So I have filed a police report, and the officer said there is no one matching that description who works for animal control. The guy had refused to give me his name when I asked for it, which is illegal here if he actually is what he says he is, and that it sounds as if the guy is out to cause trouble. So I'm super nervous now because my husband is across the country on a 2 month work trip, but I have Ronin and I know he'll protect me. 

Let me add that during this entire time, Ronin was sitting quietly at my side, never barked until the guy moved towards me. But I do know that the entire time he was watching the guy and not his dog, which tells me a lot because usually Ronin would have been barking and going for the dog. This guy was a creep and I now have to go and let the other GSD owners in my area know about this guy. The cop agreed that it was suspicious and that we needed to be careful.

I'm telling you now I'm ready to move and find a new house in a different part of the city.
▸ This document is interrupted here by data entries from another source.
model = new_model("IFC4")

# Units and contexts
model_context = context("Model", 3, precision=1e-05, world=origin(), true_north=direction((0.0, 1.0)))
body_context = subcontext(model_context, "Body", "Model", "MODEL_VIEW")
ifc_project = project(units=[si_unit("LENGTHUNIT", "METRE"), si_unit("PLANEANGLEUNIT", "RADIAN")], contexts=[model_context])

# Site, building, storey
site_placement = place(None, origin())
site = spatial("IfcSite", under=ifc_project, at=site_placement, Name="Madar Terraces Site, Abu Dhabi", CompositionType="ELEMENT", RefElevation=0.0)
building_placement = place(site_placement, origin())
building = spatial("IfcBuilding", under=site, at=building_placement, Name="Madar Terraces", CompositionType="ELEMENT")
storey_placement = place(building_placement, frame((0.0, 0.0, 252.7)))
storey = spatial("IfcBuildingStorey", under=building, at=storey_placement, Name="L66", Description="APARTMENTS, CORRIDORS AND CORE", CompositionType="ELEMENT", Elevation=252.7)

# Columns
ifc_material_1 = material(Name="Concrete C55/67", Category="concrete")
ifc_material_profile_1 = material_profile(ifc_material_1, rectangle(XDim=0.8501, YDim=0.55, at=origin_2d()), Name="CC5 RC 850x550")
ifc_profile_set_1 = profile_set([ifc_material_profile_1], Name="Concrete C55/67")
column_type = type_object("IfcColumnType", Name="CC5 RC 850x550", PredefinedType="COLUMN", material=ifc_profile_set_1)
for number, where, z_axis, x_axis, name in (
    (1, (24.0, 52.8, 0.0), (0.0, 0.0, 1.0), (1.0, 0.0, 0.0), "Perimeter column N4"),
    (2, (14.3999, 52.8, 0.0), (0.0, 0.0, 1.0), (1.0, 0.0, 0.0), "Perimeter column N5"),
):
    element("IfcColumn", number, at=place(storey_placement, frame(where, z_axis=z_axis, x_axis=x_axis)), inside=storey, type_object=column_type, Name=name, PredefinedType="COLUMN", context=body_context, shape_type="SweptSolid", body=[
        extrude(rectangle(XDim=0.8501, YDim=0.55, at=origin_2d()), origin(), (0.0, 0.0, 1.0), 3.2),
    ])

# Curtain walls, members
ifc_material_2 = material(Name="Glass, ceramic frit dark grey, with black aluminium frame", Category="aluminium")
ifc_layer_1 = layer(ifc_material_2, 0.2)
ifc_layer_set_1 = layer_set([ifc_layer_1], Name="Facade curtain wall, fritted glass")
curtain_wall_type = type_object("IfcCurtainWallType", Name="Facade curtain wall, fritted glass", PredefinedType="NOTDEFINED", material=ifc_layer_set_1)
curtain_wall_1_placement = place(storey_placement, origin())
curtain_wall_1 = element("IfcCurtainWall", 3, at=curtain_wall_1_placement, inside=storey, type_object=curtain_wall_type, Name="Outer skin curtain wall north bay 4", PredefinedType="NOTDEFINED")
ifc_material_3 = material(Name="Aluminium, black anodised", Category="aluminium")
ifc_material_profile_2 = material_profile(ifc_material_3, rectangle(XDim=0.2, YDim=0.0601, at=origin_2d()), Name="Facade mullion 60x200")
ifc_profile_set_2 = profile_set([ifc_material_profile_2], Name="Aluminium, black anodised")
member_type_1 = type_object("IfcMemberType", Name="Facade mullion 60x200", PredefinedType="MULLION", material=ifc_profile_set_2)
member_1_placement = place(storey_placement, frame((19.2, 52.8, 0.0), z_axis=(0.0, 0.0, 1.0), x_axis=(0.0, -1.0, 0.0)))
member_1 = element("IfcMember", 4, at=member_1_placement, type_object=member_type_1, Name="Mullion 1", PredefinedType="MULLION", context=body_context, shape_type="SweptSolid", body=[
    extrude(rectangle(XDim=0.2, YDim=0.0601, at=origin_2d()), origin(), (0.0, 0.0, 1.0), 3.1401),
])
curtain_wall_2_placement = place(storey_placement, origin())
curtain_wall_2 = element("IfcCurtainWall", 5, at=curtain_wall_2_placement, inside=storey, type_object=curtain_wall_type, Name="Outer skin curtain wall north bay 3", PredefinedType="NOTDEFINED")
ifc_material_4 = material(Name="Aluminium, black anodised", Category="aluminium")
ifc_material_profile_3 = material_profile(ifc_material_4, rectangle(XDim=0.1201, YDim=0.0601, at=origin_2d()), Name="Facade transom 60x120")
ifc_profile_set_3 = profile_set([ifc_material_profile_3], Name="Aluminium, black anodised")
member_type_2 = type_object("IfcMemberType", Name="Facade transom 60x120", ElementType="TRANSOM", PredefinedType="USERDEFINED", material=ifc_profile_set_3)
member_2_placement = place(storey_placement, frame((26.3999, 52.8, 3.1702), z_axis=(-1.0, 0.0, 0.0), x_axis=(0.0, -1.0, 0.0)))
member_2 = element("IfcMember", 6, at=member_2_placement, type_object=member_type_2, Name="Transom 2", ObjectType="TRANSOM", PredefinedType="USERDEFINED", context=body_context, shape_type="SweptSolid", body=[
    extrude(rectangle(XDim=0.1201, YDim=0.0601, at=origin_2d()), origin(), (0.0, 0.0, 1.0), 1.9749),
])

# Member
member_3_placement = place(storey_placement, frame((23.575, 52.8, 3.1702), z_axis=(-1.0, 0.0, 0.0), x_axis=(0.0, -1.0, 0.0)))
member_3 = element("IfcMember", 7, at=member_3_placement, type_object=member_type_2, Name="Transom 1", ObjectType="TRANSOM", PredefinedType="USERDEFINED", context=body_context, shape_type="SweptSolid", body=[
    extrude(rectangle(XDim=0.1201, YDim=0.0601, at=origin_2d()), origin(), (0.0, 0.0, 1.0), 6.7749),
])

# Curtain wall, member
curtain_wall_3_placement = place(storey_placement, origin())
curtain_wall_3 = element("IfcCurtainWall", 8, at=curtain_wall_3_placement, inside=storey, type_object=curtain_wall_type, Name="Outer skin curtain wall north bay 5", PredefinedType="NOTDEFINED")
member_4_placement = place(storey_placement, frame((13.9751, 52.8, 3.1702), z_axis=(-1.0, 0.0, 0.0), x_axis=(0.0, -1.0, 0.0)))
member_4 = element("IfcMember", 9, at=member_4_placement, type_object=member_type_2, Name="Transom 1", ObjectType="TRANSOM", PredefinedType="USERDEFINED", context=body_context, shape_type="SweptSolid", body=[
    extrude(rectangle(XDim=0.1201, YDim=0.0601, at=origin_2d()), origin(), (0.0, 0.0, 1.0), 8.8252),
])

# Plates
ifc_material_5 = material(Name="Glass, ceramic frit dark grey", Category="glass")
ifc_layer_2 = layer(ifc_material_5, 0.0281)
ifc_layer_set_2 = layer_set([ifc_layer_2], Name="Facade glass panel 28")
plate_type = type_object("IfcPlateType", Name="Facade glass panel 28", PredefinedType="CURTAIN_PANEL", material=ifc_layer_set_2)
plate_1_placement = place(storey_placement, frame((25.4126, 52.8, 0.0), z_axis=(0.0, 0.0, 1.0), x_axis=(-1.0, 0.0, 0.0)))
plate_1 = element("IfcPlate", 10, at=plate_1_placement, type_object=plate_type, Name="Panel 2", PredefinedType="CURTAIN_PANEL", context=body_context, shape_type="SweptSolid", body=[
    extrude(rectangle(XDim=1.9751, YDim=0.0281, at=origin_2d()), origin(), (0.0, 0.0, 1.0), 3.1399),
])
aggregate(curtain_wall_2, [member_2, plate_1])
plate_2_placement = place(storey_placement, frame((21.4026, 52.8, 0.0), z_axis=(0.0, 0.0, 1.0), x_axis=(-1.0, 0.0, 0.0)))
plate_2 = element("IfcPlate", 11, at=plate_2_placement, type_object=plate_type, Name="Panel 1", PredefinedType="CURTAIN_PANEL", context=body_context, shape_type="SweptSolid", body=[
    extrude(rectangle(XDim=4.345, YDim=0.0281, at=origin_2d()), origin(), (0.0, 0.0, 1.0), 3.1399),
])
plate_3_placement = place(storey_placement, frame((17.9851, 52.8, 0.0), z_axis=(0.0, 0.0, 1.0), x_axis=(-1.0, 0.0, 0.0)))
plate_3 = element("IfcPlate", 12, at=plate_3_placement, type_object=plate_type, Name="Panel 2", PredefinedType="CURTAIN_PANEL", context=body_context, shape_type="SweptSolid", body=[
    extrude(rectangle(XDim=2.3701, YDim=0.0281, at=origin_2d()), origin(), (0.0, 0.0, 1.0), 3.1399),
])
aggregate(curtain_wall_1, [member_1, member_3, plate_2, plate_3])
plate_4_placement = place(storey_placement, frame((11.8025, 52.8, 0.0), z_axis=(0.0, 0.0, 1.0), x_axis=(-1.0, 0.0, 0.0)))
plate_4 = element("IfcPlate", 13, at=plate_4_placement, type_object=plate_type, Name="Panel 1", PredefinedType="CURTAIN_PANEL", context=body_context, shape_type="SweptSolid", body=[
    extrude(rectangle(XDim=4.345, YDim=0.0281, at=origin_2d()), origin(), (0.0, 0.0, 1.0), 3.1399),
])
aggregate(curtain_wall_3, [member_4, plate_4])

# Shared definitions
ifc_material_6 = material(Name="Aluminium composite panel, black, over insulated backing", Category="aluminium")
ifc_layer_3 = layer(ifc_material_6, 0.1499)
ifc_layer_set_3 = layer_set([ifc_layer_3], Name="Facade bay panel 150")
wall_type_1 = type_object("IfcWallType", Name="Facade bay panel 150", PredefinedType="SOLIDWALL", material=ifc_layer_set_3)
I can't handle all these wackos around me much longer.


----------



## Deb (Nov 20, 2010)

That is scary. I think I'd try to walk Ronin in places that aren't so isolated, with more people around.


----------



## selzer (May 7, 2005)

You live in Canada. I have heard that in some areas of the UK, prong collars are illegal. Do you know the current laws pertaining to dogs in your area? 

You can't have mace there? 

You have a cell phone, can you whip it out and call 9-1-1, or whatever the Canadian version is while the guy is right there in front of you? Once you are 100% certain of any laws that might pertain to the situation, calling the police immediately and in the presence of the dude, shows him that you aren't buying his baloney and you are quite happy to discuss it with the local police. 
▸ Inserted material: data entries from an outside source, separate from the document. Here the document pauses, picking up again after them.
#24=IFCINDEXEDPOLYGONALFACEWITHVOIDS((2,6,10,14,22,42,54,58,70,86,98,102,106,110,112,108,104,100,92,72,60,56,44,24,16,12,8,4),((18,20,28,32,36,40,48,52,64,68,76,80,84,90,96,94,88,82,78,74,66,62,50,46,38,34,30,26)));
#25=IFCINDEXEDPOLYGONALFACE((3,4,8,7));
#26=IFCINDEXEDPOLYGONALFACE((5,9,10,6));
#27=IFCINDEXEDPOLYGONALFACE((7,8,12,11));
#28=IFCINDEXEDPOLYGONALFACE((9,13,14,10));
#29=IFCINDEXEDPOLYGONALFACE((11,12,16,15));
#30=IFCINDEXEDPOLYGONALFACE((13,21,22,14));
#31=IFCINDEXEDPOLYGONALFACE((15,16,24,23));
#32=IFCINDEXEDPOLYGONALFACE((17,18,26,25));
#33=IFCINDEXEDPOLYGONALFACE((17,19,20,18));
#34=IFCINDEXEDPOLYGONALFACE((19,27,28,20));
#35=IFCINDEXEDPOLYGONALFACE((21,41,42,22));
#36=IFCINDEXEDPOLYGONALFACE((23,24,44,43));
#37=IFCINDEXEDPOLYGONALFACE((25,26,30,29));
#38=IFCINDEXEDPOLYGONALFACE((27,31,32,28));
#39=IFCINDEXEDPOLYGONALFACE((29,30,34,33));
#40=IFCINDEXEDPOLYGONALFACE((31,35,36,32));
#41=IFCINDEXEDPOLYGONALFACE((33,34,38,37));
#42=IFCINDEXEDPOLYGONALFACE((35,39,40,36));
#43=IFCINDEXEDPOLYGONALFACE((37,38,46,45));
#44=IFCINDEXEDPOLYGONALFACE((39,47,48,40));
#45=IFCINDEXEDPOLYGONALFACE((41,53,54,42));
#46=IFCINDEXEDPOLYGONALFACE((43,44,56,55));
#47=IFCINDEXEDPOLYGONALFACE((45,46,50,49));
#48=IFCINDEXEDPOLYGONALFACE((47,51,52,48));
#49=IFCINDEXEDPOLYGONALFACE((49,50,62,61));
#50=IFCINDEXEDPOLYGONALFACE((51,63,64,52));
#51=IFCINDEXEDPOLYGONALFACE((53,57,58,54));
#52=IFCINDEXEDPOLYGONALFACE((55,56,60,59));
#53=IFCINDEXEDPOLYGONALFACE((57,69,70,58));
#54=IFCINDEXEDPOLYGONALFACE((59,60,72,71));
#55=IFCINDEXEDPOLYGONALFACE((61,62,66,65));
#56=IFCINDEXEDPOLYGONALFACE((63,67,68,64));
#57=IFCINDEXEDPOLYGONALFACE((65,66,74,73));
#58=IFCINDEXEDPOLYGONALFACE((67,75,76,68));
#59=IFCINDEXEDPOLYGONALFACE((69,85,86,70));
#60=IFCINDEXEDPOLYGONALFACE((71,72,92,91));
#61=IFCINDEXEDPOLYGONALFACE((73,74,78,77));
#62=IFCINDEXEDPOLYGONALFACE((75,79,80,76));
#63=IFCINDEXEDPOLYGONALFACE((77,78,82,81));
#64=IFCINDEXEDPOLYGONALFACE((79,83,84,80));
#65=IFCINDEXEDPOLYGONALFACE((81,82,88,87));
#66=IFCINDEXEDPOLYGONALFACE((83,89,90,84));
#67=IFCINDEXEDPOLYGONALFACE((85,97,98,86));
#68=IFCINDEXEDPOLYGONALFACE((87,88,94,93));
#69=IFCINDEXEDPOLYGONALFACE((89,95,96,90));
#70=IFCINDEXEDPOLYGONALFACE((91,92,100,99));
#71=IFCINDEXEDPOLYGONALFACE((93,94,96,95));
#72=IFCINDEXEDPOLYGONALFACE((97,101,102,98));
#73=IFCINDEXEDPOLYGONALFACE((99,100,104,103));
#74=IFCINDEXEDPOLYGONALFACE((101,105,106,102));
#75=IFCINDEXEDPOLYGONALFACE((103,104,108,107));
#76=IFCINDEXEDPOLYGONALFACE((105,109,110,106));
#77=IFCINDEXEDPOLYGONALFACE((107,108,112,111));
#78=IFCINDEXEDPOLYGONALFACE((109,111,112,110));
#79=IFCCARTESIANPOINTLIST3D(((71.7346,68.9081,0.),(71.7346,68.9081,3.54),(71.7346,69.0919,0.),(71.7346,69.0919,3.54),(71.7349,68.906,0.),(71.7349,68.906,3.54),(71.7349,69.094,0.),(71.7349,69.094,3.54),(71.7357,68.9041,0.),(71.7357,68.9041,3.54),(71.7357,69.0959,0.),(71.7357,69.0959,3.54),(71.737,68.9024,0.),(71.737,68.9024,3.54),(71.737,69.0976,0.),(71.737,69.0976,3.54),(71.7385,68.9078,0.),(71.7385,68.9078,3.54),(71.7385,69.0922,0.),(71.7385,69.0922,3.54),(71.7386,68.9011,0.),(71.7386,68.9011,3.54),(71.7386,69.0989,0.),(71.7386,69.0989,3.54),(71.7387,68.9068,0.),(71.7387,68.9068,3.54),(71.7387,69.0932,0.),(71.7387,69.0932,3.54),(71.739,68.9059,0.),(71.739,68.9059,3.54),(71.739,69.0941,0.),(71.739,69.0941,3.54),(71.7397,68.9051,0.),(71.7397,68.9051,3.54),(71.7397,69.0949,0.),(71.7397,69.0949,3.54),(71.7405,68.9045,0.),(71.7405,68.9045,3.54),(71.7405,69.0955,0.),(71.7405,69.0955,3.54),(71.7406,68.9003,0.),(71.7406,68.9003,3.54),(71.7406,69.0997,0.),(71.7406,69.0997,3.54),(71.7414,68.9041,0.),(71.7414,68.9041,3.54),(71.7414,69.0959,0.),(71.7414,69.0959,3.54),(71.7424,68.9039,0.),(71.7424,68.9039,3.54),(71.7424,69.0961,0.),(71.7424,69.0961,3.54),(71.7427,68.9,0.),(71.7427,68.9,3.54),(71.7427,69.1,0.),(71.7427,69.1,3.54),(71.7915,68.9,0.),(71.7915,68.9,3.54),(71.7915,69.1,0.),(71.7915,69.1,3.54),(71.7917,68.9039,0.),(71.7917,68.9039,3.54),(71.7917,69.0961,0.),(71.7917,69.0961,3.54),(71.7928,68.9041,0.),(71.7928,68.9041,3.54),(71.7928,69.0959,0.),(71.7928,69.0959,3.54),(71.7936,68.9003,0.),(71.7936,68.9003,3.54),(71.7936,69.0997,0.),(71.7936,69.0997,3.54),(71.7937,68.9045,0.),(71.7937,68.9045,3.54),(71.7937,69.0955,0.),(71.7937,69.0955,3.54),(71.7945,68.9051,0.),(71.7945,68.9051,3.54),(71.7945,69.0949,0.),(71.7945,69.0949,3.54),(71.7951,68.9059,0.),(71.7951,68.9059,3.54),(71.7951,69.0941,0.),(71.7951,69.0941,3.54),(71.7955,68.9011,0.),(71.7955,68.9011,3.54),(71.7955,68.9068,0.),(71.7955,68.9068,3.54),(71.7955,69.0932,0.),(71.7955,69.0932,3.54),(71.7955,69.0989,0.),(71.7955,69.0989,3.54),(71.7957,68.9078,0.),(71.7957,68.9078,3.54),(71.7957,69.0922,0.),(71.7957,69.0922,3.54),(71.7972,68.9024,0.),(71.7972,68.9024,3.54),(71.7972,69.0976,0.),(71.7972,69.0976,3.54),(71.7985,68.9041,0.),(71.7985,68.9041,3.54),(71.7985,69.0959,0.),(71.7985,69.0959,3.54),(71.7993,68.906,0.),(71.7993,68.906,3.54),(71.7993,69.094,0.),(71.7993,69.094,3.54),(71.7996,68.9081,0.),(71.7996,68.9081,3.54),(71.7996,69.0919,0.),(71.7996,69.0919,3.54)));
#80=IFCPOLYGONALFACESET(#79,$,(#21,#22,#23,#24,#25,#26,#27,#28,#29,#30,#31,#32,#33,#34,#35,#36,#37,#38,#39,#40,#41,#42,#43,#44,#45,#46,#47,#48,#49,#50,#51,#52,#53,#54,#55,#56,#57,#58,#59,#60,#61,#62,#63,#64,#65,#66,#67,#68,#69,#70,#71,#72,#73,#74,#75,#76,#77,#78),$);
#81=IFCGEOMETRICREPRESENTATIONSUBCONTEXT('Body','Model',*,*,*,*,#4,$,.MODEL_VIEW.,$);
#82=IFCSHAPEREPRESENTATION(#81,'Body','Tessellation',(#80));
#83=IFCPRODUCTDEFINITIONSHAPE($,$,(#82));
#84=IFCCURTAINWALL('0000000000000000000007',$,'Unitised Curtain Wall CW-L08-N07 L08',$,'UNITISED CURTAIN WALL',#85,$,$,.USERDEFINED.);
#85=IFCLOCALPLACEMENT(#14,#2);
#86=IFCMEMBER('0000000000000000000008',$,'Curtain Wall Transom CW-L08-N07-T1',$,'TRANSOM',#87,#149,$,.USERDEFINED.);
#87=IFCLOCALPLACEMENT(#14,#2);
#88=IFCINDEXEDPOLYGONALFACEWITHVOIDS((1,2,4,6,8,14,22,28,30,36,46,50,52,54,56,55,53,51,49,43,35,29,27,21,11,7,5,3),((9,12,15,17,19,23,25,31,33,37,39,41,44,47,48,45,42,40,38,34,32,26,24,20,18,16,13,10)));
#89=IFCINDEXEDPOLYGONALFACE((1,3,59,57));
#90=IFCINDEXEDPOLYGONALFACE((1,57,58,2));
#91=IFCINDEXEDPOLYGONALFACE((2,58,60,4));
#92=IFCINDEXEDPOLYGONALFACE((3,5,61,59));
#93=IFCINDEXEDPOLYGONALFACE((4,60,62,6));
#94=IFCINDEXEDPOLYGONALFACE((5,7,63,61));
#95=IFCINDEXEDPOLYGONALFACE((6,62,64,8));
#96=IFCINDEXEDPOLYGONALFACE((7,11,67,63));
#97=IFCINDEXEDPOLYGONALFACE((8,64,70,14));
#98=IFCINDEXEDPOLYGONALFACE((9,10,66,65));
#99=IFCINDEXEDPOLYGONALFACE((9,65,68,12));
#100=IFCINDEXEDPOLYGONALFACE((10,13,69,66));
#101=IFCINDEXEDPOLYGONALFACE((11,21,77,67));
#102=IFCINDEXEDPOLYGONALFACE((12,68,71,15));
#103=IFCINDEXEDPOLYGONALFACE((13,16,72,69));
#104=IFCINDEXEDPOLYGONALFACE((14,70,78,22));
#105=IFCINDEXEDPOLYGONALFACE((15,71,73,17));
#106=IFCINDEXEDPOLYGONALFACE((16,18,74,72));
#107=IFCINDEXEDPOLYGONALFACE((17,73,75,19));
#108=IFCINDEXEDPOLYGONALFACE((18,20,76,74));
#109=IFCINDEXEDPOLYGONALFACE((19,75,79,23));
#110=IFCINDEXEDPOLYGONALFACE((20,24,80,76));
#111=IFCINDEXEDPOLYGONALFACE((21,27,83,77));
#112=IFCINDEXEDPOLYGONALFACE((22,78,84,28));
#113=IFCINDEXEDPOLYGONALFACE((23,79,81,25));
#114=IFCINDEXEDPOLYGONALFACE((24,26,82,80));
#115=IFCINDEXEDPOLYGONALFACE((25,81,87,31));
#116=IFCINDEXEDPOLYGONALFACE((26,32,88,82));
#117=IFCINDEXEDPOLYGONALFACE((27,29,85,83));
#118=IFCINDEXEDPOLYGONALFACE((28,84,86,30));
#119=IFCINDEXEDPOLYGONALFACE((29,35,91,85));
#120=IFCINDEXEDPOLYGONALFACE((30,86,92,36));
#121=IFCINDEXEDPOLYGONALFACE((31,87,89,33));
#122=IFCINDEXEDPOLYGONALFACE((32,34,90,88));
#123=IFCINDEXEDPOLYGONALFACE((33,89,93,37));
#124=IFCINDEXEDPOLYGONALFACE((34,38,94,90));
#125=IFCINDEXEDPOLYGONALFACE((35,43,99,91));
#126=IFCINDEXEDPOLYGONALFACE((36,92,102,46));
There are many flavors of wierdows out there. Maybe he wants to "confiscate" your dog for some nasty reason. Or maybe he truly sees the prong collar as abuse, and may want to "rescue" your dog from such a terrible owner. Some of these animal-activists, are working on less than a full deck of cards, and many of them believe that the cause transcends any laws they may need to break. Don't put them above stealing your dog out of your yard. 

Be extra careful. 

If you want your dog to be for protection and not just a deterrent, it is time for you to have him evaluated by a competent trainer and to being work in protection, if it is suitable for your dog. If that isn't a possibility, find a self-defense class in your area. Could be Karate or Judo or a number of other stuff. Boxing. This is a good idea anyway. An average women will not defeat an average sized man, unless training is involved. But perpetrators zero in on people not by their size, but by their bearing. It is like a Yorkie who sticks its tail up and tells the GSD to move out of its way. If you are concerned about your safety, than you walk different and you hold yourself different. When you have trained yourself to ACT to defend yourself, you gain in confidence and you walk differently and you hold yourself differently. 
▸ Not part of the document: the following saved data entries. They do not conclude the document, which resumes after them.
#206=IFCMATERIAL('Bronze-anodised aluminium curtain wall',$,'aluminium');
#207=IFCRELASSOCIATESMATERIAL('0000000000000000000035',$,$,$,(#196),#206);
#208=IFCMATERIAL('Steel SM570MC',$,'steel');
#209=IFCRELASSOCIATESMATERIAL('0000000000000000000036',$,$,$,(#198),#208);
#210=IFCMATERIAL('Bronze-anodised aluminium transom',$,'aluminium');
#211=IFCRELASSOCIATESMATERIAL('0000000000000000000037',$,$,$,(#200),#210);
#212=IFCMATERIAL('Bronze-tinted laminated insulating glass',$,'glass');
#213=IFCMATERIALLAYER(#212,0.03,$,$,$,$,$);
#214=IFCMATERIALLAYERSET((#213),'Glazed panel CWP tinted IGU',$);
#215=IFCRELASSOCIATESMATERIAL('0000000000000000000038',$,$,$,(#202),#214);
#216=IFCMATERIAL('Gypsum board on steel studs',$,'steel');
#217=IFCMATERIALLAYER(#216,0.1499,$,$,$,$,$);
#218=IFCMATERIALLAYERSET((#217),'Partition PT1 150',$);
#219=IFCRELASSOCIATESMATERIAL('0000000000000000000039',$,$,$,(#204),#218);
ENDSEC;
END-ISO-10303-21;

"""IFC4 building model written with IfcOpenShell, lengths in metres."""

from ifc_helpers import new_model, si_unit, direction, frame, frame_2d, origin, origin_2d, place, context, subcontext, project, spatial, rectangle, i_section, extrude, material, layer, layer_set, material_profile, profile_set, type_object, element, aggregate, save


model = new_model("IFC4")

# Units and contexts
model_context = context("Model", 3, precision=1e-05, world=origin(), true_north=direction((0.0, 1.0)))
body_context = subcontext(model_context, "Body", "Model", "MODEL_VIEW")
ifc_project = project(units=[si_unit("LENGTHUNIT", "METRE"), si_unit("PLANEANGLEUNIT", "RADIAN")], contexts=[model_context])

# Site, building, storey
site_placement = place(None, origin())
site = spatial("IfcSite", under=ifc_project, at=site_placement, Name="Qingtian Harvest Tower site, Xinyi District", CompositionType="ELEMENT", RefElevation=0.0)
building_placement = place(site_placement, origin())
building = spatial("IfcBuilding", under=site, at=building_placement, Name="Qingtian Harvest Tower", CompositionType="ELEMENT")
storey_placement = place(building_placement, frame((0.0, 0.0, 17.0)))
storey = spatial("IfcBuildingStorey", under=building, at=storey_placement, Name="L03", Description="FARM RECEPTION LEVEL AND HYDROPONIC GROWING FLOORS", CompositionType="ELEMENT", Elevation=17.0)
Just having a plan, like pulling out the phone and calling the police will make some difference. 

Good luck.


----------



## Ronin2016 (Feb 18, 2016)

Deb said:


> That is scary. I think I'd try to walk Ronin in places that aren't so isolated, with more people around.


The graveyard is actually right in the middle of the city and a lot of people use it. Just so happened tonight there weren't many people because it had been raining all day.


----------



## Ronin2016 (Feb 18, 2016)

selzer said:


> You live in Canada. I have heard that in some areas of the UK, prong collars are illegal. Do you know the current laws pertaining to dogs in your area?
> 
> You can't have mace there?
> 
> ...


Prong collars are not illegal where I live. In some parts of Canada I believe they are, but not where I'm at. They are used on police dogs and other dogs with jobs. Mace is illegal here to carry. As well as other types of sprays. I don't want Ronin as a protection dog, and due to his Fear Aggression, he wouldn't be suited to that anyway I don't think.

I wish I had pulled out my phone and taken a picture of him, but I just wanted to get away from him. I plan on walking a different route to make sure that I don't run into him again. I have called the police and reported him and we're pretty sure that he is not an animal control officer since no one matches his description or his car. We live in a fairly small city where everyone knows everyone. I'm just hoping this was the last I saw of him.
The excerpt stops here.